A History of Writers Performing in Their Own Musicals
Aaron Netsky
In just a few weeks, the musical Hamilton will begin previews at the Richard Rogers Theatre on Broadway. Hamilton features a book, music, and lyrics by Lin-Manuel Miranda and stars Miranda as the title character, Alexander Hamilton. If audience members experience some déjà vu at performances of Hamilton, it’s probably because they were fortunate enough to witness Miranda performing in the central role of Usnavi in In the Heights, at the Richard Rogers Theatre, also a product of Miranda’s own creative juices (with a book by playwright Quiara Alegria Hudes). Miranda does it all, and fortunately for us as well as him, he’s quite good at it all. Not every musical features a performance by one of its own creators, in fact very few do.
First off, off-Broadway’s reining champion, The Fantasticks. It first opened on May 3rd, 1960, and has boasted such performers as Jerry Orbach, Kristen Chenoweth, Liza Minelli, and Glenn Close. Even the show’s producer Lore Noto did a stint as The Boy’s Father, Hucklebee, but when it opened, librettist Tom Jones, under an assumed name, played the Old Actor, Henry. Later in the sixties, Anthony Newley collaborated on two musicals with Leslie Bricusse, Stop the World – I want to Get Off and The Roar of the Greasepaint – The Smell of the Crowd, and directed and starred in both on Broadway.
From the seventies, and even to this day, there is really only one Riff Raff, and that is Rocky Horror Show composer/lyricist/librettist Richard O’Brien, who, alongside the iconic Tim Curry as Frank N. Furter, starred in the original West End and Broadway productions, and in the film. In 1998, long before Neil Patrick Harris revived the role last year on Broadway, the lead in Hedwig and the Angry Inch was originally played off-Broadway by John Cameron Mitchell, the show’s book writer. Mitchell also directed and starred in the film version, and was recently among the actors who succeeded Harris in the Broadway revival.
Writers appearing in their own musicals became a lot more common post 2000, partly because those writers were also performers themselves. When Boy George’s musical, Taboo, came to Broadway in 2003, George himself, who wrote an original score complimented by a few old hits, played Leigh Bowery, perhaps the most flamboyant character in a show full of “characters” from the eighties, while a young Boy George was played by Euan Morton. In 2008, Stew narrated his musical Passing Strange, about a young rock musician searching for the true artist’s lifestyle. Billy Joe Armstrong played St.
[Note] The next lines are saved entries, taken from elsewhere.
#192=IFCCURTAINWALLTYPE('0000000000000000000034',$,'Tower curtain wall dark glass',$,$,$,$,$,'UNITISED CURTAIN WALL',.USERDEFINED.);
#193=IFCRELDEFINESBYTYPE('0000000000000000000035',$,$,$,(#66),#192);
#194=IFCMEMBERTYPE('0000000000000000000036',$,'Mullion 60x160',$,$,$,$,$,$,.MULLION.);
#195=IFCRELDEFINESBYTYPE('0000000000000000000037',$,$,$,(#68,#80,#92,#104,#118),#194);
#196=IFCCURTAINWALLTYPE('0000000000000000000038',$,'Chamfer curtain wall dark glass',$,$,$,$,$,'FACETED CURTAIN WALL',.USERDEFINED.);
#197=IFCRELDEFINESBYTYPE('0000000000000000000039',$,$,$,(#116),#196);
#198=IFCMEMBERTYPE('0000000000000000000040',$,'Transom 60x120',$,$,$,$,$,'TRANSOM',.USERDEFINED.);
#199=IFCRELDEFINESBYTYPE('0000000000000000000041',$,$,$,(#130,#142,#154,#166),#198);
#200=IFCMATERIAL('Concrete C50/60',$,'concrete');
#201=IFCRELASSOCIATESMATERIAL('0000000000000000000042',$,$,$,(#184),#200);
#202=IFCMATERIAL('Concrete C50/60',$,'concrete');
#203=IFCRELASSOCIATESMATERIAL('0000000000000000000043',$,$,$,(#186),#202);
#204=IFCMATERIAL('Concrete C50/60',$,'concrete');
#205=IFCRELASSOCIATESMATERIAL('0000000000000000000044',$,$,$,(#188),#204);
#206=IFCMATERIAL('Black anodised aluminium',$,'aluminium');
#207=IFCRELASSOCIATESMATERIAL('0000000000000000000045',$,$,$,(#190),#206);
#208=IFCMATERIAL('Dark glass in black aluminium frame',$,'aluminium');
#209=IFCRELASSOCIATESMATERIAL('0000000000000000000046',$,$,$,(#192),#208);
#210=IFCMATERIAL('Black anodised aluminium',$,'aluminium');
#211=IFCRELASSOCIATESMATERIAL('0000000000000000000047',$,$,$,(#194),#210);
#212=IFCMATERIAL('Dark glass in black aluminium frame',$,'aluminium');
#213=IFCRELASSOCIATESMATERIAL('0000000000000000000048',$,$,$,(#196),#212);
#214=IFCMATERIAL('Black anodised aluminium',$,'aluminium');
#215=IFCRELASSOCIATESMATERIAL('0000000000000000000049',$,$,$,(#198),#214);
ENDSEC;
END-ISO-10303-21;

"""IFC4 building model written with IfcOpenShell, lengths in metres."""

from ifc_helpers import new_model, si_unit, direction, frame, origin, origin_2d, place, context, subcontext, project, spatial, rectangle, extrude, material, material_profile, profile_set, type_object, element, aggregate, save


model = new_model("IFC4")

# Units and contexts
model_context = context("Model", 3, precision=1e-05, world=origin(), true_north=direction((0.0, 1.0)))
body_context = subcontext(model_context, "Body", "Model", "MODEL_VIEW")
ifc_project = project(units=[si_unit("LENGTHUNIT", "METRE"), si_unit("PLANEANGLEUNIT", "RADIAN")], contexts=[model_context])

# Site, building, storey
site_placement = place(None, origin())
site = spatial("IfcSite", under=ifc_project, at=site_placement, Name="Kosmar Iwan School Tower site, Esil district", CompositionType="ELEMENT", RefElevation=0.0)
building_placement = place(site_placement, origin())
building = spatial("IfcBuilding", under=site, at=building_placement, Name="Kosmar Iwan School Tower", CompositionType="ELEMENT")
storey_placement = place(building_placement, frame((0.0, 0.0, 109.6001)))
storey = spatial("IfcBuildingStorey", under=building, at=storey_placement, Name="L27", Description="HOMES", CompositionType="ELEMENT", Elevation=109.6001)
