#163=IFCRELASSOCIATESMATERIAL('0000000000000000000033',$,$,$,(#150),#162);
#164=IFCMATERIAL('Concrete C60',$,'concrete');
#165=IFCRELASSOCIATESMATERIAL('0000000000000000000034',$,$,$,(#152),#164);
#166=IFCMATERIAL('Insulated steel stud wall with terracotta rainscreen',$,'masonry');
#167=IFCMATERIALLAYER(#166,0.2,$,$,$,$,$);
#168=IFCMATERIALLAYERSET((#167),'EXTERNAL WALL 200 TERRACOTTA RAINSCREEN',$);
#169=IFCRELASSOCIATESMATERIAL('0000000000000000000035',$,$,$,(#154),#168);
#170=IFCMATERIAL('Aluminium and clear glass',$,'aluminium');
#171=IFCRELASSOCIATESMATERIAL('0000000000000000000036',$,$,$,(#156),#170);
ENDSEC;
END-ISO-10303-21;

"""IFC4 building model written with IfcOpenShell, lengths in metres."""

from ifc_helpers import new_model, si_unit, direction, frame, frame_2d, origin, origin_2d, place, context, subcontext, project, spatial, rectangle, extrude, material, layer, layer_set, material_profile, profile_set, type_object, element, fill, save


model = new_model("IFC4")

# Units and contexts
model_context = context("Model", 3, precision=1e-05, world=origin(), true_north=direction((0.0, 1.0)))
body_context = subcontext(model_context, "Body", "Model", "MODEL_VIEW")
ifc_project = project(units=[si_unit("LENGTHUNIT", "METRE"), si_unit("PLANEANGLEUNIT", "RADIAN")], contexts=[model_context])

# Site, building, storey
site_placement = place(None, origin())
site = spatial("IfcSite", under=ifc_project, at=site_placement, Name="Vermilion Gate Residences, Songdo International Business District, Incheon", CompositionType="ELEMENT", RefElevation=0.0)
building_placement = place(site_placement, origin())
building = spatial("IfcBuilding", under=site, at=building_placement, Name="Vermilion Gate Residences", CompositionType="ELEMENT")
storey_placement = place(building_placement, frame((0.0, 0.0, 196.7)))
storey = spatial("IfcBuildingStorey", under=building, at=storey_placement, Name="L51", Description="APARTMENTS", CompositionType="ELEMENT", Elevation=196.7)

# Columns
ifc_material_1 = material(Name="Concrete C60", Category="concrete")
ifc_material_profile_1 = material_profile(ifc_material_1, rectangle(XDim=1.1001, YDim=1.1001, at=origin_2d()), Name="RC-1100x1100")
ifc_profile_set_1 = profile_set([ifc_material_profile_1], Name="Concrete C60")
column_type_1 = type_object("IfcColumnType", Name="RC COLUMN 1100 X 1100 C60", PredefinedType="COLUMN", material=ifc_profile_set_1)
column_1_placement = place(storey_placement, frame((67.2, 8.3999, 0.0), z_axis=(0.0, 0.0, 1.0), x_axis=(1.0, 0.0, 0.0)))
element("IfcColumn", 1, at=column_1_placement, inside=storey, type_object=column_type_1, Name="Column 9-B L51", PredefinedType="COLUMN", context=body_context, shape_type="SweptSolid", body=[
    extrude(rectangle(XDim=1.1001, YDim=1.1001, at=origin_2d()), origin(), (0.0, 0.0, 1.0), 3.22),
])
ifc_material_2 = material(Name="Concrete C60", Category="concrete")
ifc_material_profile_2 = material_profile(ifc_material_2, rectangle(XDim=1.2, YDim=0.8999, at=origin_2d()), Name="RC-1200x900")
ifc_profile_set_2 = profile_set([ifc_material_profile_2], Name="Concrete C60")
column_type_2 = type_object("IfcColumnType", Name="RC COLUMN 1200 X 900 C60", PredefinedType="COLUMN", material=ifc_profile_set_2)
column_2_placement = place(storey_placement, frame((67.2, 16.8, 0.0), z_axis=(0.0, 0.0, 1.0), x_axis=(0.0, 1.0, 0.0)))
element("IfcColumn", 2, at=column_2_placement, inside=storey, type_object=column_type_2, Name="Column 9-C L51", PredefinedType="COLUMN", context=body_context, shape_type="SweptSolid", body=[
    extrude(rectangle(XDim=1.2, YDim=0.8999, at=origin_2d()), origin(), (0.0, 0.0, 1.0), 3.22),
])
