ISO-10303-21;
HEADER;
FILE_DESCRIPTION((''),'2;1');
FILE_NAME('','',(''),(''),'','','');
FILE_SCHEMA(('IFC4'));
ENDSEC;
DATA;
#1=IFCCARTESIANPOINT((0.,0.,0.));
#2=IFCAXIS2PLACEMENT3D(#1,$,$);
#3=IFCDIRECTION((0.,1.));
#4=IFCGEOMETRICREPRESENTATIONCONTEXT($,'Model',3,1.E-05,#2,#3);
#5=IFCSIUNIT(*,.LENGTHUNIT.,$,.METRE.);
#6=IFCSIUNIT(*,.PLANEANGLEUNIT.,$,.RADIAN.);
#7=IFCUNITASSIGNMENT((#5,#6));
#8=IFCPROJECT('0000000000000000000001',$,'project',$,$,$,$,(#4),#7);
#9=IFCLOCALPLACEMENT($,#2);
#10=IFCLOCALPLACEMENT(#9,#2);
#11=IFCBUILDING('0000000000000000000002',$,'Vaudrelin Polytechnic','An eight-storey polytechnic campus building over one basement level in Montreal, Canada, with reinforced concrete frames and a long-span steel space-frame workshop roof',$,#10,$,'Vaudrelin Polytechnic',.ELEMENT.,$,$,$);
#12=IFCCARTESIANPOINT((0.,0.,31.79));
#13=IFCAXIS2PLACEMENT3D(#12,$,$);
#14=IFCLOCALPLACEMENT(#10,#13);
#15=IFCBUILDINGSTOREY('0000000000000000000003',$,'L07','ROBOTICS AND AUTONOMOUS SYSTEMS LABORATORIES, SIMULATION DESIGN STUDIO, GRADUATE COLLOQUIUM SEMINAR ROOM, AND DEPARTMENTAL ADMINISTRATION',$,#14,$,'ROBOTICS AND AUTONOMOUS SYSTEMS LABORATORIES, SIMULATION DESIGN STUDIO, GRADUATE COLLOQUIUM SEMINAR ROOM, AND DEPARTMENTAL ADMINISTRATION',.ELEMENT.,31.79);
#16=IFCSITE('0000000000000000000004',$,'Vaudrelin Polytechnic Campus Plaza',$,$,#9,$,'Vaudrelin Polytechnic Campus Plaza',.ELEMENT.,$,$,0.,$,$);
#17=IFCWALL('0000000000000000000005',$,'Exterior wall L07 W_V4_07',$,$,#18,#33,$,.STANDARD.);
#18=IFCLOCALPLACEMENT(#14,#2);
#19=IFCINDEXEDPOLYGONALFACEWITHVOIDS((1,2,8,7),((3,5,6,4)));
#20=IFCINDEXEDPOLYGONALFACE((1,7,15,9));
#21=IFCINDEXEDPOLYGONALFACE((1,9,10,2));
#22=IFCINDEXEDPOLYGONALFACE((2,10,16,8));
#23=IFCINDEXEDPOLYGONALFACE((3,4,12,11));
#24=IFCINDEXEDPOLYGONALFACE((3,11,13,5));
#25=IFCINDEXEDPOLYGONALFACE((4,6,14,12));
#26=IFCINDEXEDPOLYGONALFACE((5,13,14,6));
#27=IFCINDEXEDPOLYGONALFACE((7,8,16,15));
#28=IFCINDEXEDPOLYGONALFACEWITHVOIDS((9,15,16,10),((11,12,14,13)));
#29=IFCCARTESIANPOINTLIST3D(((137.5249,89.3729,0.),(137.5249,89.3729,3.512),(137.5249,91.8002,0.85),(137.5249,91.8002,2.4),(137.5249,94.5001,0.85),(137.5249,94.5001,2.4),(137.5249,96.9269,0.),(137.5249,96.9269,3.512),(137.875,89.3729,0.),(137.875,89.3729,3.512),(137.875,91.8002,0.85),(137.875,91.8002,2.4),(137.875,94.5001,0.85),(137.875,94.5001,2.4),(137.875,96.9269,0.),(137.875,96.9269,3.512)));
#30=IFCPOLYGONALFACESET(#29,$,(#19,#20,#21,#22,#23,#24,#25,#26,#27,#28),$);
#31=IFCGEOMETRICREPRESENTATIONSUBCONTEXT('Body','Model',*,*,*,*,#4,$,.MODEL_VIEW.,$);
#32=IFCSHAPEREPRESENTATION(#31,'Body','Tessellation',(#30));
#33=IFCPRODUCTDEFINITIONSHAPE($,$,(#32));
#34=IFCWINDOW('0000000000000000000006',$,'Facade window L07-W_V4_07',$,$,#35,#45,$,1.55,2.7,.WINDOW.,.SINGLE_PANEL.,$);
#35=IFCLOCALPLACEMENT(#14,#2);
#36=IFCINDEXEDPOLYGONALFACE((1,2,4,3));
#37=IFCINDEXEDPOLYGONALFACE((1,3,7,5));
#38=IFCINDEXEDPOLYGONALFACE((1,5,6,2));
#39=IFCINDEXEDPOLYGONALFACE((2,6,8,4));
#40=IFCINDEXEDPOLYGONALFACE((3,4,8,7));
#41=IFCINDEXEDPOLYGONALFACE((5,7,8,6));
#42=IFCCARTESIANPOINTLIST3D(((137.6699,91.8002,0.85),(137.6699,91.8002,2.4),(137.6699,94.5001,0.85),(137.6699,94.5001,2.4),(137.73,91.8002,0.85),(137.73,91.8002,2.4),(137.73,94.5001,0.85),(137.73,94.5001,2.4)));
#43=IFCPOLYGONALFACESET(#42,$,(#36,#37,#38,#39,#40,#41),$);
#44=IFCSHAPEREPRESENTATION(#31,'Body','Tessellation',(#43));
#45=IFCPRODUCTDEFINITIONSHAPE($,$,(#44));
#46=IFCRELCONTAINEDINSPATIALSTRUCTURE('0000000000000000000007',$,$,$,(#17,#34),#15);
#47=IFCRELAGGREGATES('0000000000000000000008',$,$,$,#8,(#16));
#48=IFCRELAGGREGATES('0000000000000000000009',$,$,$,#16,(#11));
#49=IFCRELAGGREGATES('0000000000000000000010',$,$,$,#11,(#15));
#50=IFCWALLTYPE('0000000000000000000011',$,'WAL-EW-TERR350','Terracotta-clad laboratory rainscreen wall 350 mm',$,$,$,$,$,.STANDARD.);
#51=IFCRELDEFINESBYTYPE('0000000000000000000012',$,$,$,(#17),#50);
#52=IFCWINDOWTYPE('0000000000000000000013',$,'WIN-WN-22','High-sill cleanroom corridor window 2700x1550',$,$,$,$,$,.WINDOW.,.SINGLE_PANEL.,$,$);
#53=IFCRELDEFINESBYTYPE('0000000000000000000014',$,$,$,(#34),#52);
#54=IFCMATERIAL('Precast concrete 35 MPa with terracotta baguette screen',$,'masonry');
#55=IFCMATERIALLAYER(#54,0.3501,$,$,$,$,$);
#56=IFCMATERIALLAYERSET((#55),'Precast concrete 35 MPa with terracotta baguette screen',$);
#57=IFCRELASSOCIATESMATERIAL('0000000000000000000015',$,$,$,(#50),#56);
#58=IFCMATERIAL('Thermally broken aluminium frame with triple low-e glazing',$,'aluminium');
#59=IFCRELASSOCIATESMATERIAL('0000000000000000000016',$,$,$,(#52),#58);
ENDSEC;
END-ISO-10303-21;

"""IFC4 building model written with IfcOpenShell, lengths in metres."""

from ifc_helpers import new_model, si_unit, direction, frame, frame_2d, origin, place, context, subcontext, project, spatial, rectangle, extrude, material, layer, layer_set, type_object, element, fill, save


model = new_model("IFC4")

# Units and contexts
model_context = context("Model", 3, precision=1e-05, world=origin(), true_north=direction((0.0, 1.0)))
body_context = subcontext(model_context, "Body", "Model", "MODEL_VIEW")
ifc_project = project(units=[si_unit("LENGTHUNIT", "METRE"), si_unit("PLANEANGLEUNIT", "RADIAN")], contexts=[model_context])

# Site, building, storey
site_placement = place(None, origin())
site = spatial("IfcSite", under=ifc_project, at=site_placement, Name="Vaudrelin Polytechnic Campus Plaza", LongName="Vaudrelin Polytechnic Campus Plaza", CompositionType="ELEMENT", RefElevation=0.0)
building_placement = place(site_placement, origin())
building = spatial("IfcBuilding", under=site, at=building_placement, Name="Vaudrelin Polytechnic", Description="An eight-storey polytechnic campus building over one basement level in Montreal, Canada, with reinforced concrete frames and a long-span steel space-frame workshop roof", LongName="Vaudrelin Polytechnic", CompositionType="ELEMENT")
storey_placement = place(building_placement, frame((0.0, 0.0, 31.79)))
storey = spatial("IfcBuildingStorey", under=building, at=storey_placement, Name="L07", Description="ROBOTICS AND AUTONOMOUS SYSTEMS LABORATORIES, SIMULATION DESIGN STUDIO, GRADUATE COLLOQUIUM SEMINAR ROOM, AND DEPARTMENTAL ADMINISTRATION", LongName="ROBOTICS AND AUTONOMOUS SYSTEMS LABORATORIES, SIMULATION DESIGN STUDIO, GRADUATE COLLOQUIUM SEMINAR ROOM, AND DEPARTMENTAL ADMINISTRATION", CompositionType="ELEMENT", Elevation=31.79)

# Wall, opening, window
ifc_material_1 = material(Name="Precast concrete 35 MPa with terracotta baguette screen", Category="masonry")
ifc_layer = layer(ifc_material_1, 0.3501)
ifc_layer_set = layer_set([ifc_layer], Name="Precast concrete 35 MPa with terracotta baguette screen")
wall_type = type_object("IfcWallType", Name="WAL-EW-TERR350", Description="Terracotta-clad laboratory rainscreen wall 350 mm", PredefinedType="STANDARD", material=ifc_layer_set)
ifc_material_2 = material(Name="Thermally broken aluminium frame with triple low-e glazing", Category="aluminium")
wall_1_placement = place(storey_placement, frame((137.7, 89.373, 0.0), z_axis=(0.0, 0.0, 1.0), x_axis=(0.0, 1.0, 0.0)))
wall_1 = element("IfcWall", 1, at=wall_1_placement, inside=storey, type_object=wall_type, Name="Exterior wall L07 W_V4_07", PredefinedType="STANDARD", context=body_context, shape_type="SweptSolid", body=[
    extrude(rectangle(XDim=7.554, YDim=0.3501, at=frame_2d((3.7769, 0.0))), origin(), (0.0, 0.0, 1.0), 3.512),
])
opening_1_placement = place(wall_1_placement, frame((2.427, 0.0, 0.8501)))
opening_1 = element("IfcOpeningElement", 2, at=opening_1_placement, cuts=wall_1, PredefinedType="OPENING", context=body_context, shape_type="SweptSolid", body=[
    extrude(rectangle(XDim=2.7, YDim=1.55, at=frame_2d((1.3501, 0.7749))), frame((0.0, 0.1851, 0.0), z_axis=(0.0, -1.0, 0.0), x_axis=(1.0, 0.0, 0.0)), (0.0, 0.0, 1.0), 0.3701),
])
window_type_1 = type_object("IfcWindowType", Name="WIN-WN-22", Description="High-sill cleanroom corridor window 2700x1550", PartitioningType="SINGLE_PANEL", PredefinedType="WINDOW", material=ifc_material_2)
window_1_placement = place(opening_1_placement, origin())
window_1 = element("IfcWindow", 3, at=window_1_placement, inside=storey, type_object=window_type_1, Name="Facade window L07-W_V4_07", OverallHeight=1.55, OverallWidth=2.7, PartitioningType="SINGLE_PANEL", PredefinedType="WINDOW", context=body_context, shape_type="SweptSolid", body=[
    extrude(rectangle(XDim=2.7, YDim=1.55, at=frame_2d((1.3501, 0.7749))), frame((0.0, 0.03, 0.0), z_axis=(0.0, -1.0, 0.0), x_axis=(1.0, 0.0, 0.0)), (0.0, 0.0, 1.0), 0.0601),
])
fill(opening_1, window_1)

save(model, "model.ifc")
Jimmy at different times throughout the Broadway run of American Idiot, based on one of his band Green Day’s albums. Sting, who wrote the score for the musical The Last Ship, which was based on memories of the town he grew up in, stepped into the role of Jackie White toward the end of that musical’s Broadway run.
It is only fitting that, since The Drowsy Chaperone started out as a bunch of Bob Martin’s friends parodying some of the more ridiculous traditions of musical comedy at a party thrown for him, he would eventually help write and star in the musical that came out of those experiments. He played a man who hates going outside but loves musicals so much that when he shares his love with an audience, and plays his favorite cast recording, they come alive around him. That show opened on Broadway in 2006.
Harvey Fierstein has long been a prolific writer and performer, winning his first two Tony Awards for writing and starring in Torch Song Trilogy. In 2007, he wrote the book for the musical A Catered Affair, and played the “bachelor” Uncle Winston. In the movie the musical was based on, the uncle was ostracized for being a drunk, but on Broadway he was re-made to demonstrate attitudes toward gays in the 1950s. Fierstein has also written the books of other musicals, and though A Catered Affair was the first of his own that he himself starred in, toward the end of the Broadway run of the most recent revival of La Cage Aux Folles, Fierstein stepped into the role of the drag performer, Albin. At the time, Fierstein remarked that, while he seemed an obvious choice for that role, he had written the show seeing it more from Georges’s point of view.
So it is getting more common. One wonders if Lin-Manuel Miranda will ever write a show he, for whatever reason, doesn’t want to be in. Then again, why mess with a working formula? If no one else is writing the shows you want to be in, write them yourself. An acting teacher once told Robert Creighton that he bore a resemblance to James Cagney, so what did Creighton do? He wrote a musical about the life of Cagney, and it was recently produced by the York Theatre Company in New York City with Creighton playing Cagney. Writers have long written shows with specific performers in mind; think Ethel Merman, her musicals, and then a bunch of other musicals written around her time that she wasn’t in but seem to have been written for her. More and more, the performer in mind for the role is the person writing the show.